- Born: 1978 (age 47–48) Paris, France
- Citizenship: Franco-British
- Education: Doctorate in Creative and Critical Writing (Cardiff University)
- Occupations: Multi-disciplinary Artist and Writer
- Children: 1
- Writing career
- Genres: Fiction, Creative Non-Fiction, Creative Essays
- Notable works: Painting Over The Cracks (2025) This Is Not Who We Are (2022); Assimilation (2024);
- Notable awards: Shortlisted for the Bridport Poetry Prize (2024) and Wales Book of the Year (2023)
- Website: www.sophiebuchaillard.com

= Sophie Buchaillard =

Welsh writer

Sophie Buchaillard is a Franco-British novelist. Her debut novel This Is Not Who We Are was shortlisted for the Wales Book of the Year award in 2023.
Her second novel, Assimilation (Honno, 2024) explores cultural identity, migration and belonging through three generations of women.

== Early life ==
Buchaillard was born in Paris, France in 1978. Prior to settling in Wales, she travelled across Europe, Asia, the United States and Africa, living in Spain, the US and England.

== Career ==
In June 2022, Buchaillard published her debut novel This Is Not Who We Are with Welsh publisher Seren Books, a multi-layered novel centred upon the Rwandan genocide and the culpability of the French government.
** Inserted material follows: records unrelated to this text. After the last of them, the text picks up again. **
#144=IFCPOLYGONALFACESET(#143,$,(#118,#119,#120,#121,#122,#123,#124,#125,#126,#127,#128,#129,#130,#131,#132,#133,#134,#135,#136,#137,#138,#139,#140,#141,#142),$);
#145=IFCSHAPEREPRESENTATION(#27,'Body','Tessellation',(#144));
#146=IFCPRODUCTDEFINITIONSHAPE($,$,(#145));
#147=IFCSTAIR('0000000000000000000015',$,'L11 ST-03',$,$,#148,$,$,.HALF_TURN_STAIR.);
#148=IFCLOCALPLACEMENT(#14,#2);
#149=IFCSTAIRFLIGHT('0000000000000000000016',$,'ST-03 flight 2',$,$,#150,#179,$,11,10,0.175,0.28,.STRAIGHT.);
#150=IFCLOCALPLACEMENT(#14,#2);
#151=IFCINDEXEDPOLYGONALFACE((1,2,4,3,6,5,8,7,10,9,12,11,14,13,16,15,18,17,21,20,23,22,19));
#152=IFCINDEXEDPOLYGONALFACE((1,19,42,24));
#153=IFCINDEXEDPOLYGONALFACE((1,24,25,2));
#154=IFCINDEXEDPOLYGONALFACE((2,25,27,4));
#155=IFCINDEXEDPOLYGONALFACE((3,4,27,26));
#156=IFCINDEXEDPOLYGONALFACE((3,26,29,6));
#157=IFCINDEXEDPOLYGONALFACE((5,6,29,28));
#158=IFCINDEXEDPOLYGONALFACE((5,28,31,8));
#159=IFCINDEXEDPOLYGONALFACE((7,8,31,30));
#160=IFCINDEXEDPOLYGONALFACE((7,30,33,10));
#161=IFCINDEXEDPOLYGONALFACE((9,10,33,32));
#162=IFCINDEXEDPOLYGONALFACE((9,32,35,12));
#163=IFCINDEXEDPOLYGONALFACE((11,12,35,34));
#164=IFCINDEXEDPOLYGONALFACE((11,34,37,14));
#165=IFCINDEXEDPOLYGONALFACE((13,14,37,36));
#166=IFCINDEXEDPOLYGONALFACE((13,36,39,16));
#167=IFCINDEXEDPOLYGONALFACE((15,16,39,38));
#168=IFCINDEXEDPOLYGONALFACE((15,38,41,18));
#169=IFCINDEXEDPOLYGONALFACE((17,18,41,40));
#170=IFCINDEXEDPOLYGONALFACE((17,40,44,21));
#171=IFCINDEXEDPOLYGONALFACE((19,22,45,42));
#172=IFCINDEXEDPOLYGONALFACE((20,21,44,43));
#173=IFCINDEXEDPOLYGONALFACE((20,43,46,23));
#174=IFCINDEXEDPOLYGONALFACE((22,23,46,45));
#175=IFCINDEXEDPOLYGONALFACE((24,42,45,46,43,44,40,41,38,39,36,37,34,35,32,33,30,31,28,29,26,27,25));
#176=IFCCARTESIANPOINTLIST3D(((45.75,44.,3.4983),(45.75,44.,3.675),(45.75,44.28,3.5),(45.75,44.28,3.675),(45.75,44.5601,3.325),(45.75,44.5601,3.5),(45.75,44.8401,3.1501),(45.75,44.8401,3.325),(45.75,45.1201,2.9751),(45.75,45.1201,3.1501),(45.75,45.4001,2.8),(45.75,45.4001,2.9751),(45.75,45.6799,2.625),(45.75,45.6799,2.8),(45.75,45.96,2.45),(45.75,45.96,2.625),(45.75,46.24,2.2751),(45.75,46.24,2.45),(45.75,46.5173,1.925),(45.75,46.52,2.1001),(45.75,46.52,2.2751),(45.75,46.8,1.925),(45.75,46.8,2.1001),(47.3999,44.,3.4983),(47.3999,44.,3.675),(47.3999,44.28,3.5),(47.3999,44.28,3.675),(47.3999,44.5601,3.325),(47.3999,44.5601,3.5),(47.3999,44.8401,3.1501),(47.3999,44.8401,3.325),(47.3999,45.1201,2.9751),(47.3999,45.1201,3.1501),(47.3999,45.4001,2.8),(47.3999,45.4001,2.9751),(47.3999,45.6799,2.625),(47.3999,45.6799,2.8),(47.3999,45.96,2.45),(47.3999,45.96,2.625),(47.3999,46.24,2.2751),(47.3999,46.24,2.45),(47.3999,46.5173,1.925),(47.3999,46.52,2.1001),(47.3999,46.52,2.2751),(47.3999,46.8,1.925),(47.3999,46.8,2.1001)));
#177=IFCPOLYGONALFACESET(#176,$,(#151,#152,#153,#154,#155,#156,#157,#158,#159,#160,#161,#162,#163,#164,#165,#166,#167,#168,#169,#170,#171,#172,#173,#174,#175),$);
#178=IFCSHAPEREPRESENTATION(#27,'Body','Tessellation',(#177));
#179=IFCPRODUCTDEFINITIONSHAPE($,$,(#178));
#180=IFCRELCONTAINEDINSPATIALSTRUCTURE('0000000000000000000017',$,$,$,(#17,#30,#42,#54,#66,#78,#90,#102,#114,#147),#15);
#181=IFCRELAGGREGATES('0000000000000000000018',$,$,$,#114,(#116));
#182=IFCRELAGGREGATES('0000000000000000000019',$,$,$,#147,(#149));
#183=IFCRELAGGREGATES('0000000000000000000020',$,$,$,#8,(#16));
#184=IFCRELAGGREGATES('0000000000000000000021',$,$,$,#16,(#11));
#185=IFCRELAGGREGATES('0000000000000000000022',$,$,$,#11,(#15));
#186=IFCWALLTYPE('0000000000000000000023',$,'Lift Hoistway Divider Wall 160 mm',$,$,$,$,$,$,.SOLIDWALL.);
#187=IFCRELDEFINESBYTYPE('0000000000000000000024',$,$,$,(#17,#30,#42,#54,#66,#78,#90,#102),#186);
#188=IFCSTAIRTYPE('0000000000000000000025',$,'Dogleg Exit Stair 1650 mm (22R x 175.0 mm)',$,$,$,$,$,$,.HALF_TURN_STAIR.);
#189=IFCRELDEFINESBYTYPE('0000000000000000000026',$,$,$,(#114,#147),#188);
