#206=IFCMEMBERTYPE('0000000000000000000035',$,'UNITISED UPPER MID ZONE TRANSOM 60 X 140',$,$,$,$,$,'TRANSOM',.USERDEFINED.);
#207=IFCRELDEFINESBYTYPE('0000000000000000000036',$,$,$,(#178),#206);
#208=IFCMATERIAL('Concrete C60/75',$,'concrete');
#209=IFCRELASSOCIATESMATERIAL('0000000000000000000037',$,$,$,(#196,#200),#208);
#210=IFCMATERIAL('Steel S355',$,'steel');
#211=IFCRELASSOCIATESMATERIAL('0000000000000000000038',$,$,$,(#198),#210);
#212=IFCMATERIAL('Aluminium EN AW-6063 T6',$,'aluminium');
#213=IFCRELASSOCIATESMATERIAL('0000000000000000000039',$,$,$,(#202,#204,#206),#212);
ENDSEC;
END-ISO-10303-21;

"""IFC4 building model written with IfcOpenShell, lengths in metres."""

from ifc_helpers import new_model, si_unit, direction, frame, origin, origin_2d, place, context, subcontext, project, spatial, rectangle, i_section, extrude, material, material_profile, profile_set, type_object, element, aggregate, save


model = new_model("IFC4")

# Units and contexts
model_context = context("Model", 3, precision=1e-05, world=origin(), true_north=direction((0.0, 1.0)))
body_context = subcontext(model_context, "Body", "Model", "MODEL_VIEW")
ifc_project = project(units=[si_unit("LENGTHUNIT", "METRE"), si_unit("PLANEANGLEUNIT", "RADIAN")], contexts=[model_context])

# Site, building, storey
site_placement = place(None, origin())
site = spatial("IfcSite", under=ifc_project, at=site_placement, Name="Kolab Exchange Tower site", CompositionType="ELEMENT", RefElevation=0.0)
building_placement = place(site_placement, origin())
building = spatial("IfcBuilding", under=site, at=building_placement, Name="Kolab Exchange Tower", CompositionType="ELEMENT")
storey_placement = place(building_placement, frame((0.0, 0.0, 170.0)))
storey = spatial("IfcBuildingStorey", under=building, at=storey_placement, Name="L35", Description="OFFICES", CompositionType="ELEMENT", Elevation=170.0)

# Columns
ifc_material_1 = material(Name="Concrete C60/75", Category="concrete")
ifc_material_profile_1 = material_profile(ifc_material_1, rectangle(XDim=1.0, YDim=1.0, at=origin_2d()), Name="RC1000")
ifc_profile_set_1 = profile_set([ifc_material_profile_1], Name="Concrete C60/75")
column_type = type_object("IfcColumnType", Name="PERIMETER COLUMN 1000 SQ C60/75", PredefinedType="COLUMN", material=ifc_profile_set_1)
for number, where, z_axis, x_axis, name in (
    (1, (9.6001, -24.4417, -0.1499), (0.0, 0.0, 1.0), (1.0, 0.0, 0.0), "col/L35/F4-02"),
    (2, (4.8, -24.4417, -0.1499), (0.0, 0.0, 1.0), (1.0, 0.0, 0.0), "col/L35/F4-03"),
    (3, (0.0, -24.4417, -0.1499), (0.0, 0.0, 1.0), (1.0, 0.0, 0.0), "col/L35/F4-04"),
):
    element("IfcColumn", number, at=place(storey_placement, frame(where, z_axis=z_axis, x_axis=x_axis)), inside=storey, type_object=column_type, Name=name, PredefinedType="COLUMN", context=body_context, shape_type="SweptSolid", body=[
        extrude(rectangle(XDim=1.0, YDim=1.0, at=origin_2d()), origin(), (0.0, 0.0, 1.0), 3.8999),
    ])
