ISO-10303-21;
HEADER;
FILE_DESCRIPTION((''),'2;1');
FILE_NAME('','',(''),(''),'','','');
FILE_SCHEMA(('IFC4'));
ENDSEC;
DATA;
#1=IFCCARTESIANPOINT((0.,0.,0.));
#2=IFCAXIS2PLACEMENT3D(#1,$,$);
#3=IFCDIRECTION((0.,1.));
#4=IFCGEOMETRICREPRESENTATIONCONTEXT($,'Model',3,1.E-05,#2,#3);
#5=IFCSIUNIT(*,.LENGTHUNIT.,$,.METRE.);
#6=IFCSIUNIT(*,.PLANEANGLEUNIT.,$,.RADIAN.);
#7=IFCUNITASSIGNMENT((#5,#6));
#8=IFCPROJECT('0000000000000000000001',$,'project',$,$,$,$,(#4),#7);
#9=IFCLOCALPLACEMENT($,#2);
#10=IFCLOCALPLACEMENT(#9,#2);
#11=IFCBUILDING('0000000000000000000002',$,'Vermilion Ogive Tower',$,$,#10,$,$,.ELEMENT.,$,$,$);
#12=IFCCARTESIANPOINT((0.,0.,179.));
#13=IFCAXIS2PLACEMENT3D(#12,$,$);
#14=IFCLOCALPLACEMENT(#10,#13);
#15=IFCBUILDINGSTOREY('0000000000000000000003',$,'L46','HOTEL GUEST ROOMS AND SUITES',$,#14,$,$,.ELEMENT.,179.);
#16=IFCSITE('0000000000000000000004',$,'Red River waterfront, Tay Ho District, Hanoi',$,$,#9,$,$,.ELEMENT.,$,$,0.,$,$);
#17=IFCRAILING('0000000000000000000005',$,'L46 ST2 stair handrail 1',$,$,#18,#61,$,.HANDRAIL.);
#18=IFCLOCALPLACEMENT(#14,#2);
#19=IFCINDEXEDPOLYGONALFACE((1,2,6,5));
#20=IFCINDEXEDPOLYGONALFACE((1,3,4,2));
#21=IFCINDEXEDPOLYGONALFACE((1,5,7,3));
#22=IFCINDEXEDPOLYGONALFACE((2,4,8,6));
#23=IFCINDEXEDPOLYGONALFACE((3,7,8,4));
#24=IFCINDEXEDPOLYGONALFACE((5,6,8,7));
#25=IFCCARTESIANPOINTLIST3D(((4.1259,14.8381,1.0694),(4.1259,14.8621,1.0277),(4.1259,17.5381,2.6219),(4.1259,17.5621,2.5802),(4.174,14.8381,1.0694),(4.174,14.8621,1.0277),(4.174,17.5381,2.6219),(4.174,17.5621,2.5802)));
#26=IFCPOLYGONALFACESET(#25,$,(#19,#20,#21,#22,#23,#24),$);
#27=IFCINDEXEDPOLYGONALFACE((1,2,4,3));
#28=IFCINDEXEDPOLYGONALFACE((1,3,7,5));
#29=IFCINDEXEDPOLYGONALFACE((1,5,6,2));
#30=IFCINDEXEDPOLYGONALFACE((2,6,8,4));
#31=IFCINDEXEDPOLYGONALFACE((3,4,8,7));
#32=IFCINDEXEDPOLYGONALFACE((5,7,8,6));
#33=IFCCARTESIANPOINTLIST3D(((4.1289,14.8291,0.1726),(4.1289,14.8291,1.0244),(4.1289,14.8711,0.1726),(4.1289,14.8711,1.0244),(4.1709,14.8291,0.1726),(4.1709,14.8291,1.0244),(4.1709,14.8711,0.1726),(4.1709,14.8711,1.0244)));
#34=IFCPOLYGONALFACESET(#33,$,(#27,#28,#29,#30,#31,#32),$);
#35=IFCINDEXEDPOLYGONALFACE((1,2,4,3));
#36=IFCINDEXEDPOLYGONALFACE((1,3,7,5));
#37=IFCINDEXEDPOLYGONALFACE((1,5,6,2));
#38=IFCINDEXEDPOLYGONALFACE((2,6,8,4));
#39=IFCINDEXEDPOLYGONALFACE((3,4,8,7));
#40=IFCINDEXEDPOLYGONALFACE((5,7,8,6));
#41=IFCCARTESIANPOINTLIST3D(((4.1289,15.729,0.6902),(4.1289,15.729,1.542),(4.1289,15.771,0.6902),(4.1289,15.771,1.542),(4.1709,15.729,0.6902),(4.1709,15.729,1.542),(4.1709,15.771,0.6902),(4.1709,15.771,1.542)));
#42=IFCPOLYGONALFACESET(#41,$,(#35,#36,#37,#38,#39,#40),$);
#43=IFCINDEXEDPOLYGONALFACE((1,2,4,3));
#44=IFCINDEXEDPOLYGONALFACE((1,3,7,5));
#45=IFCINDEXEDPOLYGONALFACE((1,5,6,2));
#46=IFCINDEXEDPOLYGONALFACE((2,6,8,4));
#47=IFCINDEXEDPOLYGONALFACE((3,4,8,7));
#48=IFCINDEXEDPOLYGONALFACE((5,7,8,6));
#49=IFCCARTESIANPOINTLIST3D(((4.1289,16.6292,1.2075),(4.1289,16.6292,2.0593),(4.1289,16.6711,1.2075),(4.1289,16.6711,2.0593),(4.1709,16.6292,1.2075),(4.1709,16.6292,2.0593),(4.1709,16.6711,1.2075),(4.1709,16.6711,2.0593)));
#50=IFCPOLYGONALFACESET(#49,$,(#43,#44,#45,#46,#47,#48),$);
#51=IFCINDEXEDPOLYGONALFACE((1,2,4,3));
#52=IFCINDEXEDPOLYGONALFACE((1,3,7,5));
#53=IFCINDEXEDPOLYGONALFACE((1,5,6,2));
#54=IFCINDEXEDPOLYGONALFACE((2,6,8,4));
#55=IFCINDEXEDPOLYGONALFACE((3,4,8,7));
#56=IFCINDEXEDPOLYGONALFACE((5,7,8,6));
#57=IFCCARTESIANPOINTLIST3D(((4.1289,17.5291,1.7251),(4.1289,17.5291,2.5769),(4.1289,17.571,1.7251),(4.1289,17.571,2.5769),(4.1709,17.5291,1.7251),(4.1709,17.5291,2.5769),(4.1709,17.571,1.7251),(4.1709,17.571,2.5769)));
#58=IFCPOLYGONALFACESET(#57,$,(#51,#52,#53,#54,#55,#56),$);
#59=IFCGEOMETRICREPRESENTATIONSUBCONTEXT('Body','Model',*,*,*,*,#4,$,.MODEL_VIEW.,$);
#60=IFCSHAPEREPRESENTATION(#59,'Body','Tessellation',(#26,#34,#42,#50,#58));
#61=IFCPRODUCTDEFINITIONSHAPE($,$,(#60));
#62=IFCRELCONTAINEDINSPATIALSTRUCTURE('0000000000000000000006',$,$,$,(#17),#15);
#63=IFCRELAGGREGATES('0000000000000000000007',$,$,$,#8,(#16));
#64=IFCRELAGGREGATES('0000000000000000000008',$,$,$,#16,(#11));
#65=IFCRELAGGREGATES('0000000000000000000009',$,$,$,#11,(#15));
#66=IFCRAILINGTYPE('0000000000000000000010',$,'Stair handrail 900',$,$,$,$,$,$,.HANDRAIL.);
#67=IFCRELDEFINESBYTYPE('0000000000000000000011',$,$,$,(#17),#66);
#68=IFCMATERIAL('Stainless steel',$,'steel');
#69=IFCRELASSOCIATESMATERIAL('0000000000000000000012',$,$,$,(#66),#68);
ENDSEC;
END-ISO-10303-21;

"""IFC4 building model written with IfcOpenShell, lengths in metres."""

from ifc_helpers import new_model, si_unit, direction, frame, origin, origin_2d, place, context, subcontext, project, spatial, rectangle, extrude, material, type_object, element, save


model = new_model("IFC4")

# Units and contexts
model_context = context("Model", 3, precision=1e-05, world=origin(), true_north=direction((0.0, 1.0)))
body_context = subcontext(model_context, "Body", "Model", "MODEL_VIEW")
ifc_project = project(units=[si_unit("LENGTHUNIT", "METRE"), si_unit("PLANEANGLEUNIT", "RADIAN")], contexts=[model_context])

# Site, building, storey
site_placement = place(None, origin())
site = spatial("IfcSite", under=ifc_project, at=site_placement, Name="Red River waterfront, Tay Ho District, Hanoi", CompositionType="ELEMENT", RefElevation=0.0)
building_placement = place(site_placement, origin())
building = spatial("IfcBuilding", under=site, at=building_placement, Name="Vermilion Ogive Tower", CompositionType="ELEMENT")
storey_placement = place(building_placement, frame((0.0, 0.0, 179.0)))
storey = spatial("IfcBuildingStorey", under=building, at=storey_placement, Name="L46", Description="HOTEL GUEST ROOMS AND SUITES", CompositionType="ELEMENT", Elevation=179.0)

# Railing
ifc_material_1 = material(Name="Stainless steel", Category="steel")
railing_type_1 = type_object("IfcRailingType", Name="Stair handrail 900", PredefinedType="HANDRAIL", material=ifc_material_1)
railing_1_placement = place(storey_placement, frame((4.1499, 14.8501, 0.1726)))
element("IfcRailing", 1, at=railing_1_placement, inside=storey, type_object=railing_type_1, Name="L46 ST2 stair handrail 1", PredefinedType="HANDRAIL", context=body_context, shape_type="SweptSolid", body=[
    extrude(rectangle(XDim=0.0481, YDim=0.0481, at=origin_2d()), frame((0.0, 0.0, 0.876), z_axis=(0.0, 0.866904, 0.498476), x_axis=(-1.0, 0.0, 0.0)), (0.0, 0.0, 1.0), 3.1145),
    extrude(rectangle(XDim=0.042, YDim=0.042, at=origin_2d()), origin(), (0.0, 0.0, 1.0), 0.8518),
    extrude(rectangle(XDim=0.042, YDim=0.042, at=origin_2d()), frame((0.0, 0.8999, 0.5176)), (0.0, 0.0, 1.0), 0.8518),
    extrude(rectangle(XDim=0.042, YDim=0.042, at=origin_2d()), frame((0.0, 1.8, 1.0349)), (0.0, 0.0, 1.0), 0.8518),
    extrude(rectangle(XDim=0.042, YDim=0.042, at=origin_2d()), frame((0.0, 2.7, 1.5525)), (0.0, 0.0, 1.0), 0.8518),
])

save(model, "model.ifc")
In May 2023, it was shortlisted for the Wales Book of the Year award.
In 2024, she published Assimilation with Welsh publisher Honno

== Bibliography ==
Sophie Buchaillard was born in Paris in 1978. She studied Political Sciences at the Institut d'Etudes Politiques in Bordeaux, France, graduating in 2001.
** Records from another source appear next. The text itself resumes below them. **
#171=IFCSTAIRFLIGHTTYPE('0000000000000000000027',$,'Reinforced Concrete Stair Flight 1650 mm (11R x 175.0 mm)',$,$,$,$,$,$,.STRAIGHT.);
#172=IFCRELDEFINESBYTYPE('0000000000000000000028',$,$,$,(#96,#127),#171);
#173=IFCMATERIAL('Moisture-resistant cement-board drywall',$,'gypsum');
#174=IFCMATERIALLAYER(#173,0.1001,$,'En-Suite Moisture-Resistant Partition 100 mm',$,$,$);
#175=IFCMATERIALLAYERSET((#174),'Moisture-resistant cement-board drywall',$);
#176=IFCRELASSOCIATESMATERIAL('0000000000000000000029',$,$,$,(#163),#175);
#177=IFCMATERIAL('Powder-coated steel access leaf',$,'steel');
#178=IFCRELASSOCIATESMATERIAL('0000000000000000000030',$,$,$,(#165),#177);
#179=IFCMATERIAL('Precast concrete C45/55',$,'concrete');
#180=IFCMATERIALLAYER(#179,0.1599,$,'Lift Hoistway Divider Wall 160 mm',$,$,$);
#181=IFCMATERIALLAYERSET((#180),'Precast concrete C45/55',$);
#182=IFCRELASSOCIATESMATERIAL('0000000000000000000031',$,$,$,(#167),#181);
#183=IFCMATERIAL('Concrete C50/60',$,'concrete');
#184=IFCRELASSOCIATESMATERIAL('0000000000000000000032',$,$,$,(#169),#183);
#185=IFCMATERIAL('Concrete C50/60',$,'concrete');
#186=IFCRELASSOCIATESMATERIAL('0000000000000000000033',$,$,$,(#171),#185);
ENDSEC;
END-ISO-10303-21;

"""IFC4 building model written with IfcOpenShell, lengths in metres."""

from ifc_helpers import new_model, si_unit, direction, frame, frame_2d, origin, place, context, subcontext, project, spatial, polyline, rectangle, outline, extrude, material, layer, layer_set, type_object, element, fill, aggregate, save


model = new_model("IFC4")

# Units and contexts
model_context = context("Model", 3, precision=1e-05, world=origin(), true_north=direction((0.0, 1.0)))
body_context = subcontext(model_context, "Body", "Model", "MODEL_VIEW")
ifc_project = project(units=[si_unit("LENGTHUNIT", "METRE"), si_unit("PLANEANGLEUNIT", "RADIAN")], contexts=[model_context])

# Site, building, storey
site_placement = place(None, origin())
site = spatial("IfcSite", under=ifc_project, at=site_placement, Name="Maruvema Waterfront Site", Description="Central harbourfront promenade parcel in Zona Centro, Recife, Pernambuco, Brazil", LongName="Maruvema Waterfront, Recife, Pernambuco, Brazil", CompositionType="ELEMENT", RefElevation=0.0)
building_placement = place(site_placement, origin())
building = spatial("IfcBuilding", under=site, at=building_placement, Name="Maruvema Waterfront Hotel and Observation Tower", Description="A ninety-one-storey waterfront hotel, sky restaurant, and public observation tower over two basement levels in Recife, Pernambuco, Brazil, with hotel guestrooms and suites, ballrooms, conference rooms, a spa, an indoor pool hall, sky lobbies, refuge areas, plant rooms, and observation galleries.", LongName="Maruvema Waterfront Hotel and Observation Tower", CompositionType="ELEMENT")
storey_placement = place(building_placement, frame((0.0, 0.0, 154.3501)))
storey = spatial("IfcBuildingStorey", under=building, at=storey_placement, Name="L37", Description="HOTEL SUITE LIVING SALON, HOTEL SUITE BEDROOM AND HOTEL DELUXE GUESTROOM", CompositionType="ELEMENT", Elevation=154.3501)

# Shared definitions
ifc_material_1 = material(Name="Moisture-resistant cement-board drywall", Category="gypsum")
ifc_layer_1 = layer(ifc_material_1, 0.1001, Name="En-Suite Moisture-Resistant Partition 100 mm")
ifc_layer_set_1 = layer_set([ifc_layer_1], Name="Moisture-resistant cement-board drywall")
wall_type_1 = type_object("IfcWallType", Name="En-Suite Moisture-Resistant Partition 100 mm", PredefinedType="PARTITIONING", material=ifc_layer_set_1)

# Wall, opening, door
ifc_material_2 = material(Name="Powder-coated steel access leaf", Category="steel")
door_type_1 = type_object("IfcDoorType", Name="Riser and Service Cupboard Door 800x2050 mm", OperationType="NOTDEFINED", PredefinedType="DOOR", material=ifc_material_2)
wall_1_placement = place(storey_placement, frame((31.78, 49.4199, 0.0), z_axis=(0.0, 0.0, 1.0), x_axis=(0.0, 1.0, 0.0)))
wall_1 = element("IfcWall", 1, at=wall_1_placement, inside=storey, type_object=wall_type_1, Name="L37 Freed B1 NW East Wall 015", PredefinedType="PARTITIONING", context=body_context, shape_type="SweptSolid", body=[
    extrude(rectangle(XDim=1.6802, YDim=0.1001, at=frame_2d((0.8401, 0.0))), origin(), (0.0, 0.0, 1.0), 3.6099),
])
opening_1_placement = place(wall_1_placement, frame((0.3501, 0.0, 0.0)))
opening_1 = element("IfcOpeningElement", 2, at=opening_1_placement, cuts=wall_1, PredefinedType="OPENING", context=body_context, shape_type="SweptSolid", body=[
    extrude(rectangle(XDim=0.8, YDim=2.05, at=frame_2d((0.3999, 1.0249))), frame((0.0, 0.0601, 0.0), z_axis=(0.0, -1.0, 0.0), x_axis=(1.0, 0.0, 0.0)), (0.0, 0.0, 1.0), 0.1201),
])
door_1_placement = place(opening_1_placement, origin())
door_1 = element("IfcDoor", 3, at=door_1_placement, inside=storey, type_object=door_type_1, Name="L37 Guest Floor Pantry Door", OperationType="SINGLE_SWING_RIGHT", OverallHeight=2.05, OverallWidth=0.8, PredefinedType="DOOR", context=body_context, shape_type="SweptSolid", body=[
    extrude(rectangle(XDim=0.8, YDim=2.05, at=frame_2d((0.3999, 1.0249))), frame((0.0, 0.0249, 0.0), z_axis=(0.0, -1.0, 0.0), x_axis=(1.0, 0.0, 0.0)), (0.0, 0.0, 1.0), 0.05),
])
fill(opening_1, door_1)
She moved to the UK in 2001, where she worked in campaigning, higher education and co-wrote Talented Women for a Successful Wales a report advising the Welsh Government on improving gender parity in business and education. In 2017, she was shortlisted for a Womenspire Award for her work.

In 2019, she left a job at Cardiff University to focus on writing. She completed a Masters (2020) and a PhD in Critical and Creative Writing (2023) (Cardiff University).